Geplant ist eine Teil-Elektrifizierung der Strecke, wobei voraussichtlich batteriebetriebene Züge zum Einsatz kämen. Befürworter verweisen auf die ökologischen Vorteile: Weniger Autos auf Landstraßen würden die Emissionen senken. Zudem betonen sie die Bedeutung des Projekts für die Mobilität in ländlichen Gebieten, die derzeit nur unzureichend an den öffentlichen Nahverkehr angebunden sind.

Trotz wachsender Unterstützung gibt es noch Hürden. Der Zweckverband Nahverkehr Westfalen-Lippe muss nun die detaillierte Planung vorantreiben.
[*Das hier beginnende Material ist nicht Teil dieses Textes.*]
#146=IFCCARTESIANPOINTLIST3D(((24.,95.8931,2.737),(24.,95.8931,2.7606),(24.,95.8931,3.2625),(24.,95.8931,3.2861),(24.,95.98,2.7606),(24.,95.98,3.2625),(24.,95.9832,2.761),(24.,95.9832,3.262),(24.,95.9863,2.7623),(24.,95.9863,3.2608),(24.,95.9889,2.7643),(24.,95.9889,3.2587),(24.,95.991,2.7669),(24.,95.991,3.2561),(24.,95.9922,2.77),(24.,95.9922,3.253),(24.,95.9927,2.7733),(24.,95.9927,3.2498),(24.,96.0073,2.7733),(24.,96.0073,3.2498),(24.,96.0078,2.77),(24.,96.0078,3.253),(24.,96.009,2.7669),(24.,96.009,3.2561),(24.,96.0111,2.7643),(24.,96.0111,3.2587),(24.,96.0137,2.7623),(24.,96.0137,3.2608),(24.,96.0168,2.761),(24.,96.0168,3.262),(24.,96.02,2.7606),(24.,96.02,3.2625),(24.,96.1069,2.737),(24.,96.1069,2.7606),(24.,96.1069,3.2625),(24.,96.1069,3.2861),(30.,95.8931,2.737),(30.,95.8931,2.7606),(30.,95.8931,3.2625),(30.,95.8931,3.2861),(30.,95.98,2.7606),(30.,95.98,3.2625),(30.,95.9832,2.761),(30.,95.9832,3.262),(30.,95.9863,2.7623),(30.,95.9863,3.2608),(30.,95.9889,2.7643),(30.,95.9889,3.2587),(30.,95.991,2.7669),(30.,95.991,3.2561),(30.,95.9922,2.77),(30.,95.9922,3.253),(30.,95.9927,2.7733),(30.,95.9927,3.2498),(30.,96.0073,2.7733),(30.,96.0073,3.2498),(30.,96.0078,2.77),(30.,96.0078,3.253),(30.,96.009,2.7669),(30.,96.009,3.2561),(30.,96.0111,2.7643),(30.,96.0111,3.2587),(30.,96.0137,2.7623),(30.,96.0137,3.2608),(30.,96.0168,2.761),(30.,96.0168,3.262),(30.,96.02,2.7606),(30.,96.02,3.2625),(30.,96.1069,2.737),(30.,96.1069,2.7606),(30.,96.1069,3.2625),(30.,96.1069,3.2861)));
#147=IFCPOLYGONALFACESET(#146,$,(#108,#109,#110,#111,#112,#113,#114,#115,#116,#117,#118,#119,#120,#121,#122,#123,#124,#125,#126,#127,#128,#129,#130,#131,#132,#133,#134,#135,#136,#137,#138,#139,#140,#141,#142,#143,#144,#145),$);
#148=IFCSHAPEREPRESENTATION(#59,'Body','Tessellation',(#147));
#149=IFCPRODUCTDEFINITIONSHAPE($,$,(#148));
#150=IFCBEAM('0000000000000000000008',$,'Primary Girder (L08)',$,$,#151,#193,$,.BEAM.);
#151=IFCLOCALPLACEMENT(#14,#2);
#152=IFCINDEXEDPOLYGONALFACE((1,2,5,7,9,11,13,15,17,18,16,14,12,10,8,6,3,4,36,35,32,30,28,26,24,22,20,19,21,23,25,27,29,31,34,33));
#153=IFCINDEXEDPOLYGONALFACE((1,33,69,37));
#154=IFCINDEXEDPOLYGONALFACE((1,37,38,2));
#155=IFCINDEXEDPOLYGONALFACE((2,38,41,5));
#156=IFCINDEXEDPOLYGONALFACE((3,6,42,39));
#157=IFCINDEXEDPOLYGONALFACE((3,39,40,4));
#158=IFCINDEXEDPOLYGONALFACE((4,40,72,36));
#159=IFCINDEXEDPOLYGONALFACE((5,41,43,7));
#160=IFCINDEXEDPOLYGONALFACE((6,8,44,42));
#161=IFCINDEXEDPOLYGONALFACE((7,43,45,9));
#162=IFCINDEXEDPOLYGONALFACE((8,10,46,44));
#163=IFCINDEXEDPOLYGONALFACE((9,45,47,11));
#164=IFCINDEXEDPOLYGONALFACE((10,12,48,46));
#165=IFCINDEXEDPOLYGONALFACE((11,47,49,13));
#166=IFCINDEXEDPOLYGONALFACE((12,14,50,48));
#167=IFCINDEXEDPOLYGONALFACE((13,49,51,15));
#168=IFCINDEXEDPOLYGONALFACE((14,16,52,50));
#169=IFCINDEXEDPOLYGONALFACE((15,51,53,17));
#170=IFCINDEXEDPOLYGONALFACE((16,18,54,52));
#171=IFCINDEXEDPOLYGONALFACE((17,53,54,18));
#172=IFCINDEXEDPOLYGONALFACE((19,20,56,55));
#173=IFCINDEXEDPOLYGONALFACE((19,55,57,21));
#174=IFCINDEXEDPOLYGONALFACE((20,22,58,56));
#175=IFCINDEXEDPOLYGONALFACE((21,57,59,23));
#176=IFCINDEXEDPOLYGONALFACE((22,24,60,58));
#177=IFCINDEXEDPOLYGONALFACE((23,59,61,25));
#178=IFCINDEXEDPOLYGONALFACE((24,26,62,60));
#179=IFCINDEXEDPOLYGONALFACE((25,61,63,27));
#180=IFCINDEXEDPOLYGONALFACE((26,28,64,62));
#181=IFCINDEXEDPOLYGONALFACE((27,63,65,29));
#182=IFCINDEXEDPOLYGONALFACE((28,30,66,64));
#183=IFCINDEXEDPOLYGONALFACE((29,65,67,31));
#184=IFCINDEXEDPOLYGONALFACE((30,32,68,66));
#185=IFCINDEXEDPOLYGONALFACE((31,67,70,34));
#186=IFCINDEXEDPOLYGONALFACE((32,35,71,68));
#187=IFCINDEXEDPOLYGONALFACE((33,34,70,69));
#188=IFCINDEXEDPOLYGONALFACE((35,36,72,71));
Doch knappe Haushalte und Konkurrenz durch andere Infrastrukturprojekte könnten den Fortschritt verzögern.

Die Wiederbelebung der Bahnstrecke würde einen bedeutenden Wandel für die ländliche Mobilität in der Region bedeuten. Sollten die Züge tatsächlich häufiger fahren als zunächst gedacht, könnte das Projekt Staus verringern und Reisezeiten verkürzen. Der nächste Schritt hängt nun davon ab, die notwendigen Mittel und die politische Rückendeckung zu sichern, um aus den Plänen Wirklichkeit werden zu lassen.